The domestic equity market witnessed a strong intraday recovery in today’s session, with the Nifty rebounding sharply from lower levels. Market experts believe the recent price action is increasingly pointing towards a “buy on dips” structure, supported by firm technical levels and relatively stable market breadth.
According to Dharmesh Shah from ICICI Direct, the index has consistently shown resilience around key support zones, particularly after recovering from the 23,350–23,400 levels.

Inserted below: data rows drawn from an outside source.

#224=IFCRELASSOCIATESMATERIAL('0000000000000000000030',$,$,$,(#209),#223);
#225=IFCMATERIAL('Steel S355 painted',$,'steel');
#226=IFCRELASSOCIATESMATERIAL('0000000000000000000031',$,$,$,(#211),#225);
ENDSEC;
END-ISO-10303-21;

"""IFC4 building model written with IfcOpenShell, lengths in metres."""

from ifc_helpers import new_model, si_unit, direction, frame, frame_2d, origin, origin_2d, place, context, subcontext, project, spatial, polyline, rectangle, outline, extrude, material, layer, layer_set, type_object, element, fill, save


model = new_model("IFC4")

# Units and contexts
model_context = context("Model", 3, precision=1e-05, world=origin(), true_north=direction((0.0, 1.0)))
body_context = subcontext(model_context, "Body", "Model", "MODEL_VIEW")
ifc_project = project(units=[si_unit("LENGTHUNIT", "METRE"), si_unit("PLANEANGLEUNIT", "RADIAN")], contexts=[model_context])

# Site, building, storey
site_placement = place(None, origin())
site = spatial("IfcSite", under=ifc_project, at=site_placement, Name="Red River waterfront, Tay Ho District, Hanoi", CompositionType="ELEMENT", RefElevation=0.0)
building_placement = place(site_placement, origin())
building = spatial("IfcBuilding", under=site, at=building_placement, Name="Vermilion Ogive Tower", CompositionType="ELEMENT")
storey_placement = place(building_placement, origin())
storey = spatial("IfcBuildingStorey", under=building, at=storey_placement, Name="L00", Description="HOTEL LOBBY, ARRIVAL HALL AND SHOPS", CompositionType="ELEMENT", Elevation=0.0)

He noted that the broader market structure over the past few sessions continues to indicate a buy-on-dips environment, with the 23,100–23,200 zone emerging as a strong support area. This range also coincides with a 61% retracement of the entire move from 22,200 to 24,800, making it a critical level for the index to sustain.
Shah further added that while 23,800 had acted as resistance, it is likely to be breached as it aligns closely with the 50-day moving average, which is currently acting as a technical hurdle. He emphasized that market breadth remains relatively stable, with the percentage of stocks trading above the 50-day moving average only marginally easing to around 68% from 72% last week, suggesting limited deterioration and the possibility of a sharper move ahead. On the upside, he expects Nifty to eventually cross 23,800 and move towards 24,400 by June 2026, while maintaining that the overall trend remains buy-on-dips with strong support at 23,100–23,200.
On stock-specific opportunities, Shah highlighted continued strength in the metals sector, which has been outperforming even during the recent corrective phase. He noted that better-than-expected earnings from metal companies have reinforced his positive stance on the space, with JSW Steel remaining his top pick.
He pointed out that the stock has been forming a consistent higher top–higher bottom structure, typically seen in a rising channel, indicating underlying strength. He expects JSW Steel to move towards the 1,440–1,450 range, with a stop loss placed at 1,285. In the pharma space, he remains constructive on Caplin Point, which has also shown relative outperformance. According to him, the stock has delivered strong results and has broken out of a falling trendline on both daily and weekly charts, signaling the end of its corrective phase.
He expects Caplin Point to move towards 2,220, with a stop loss at 1,875. Overall, Shah’s view suggests that while the broader market remains range-bound with a positive bias, selective strength in metals and pharma could continue to drive alpha in the near term.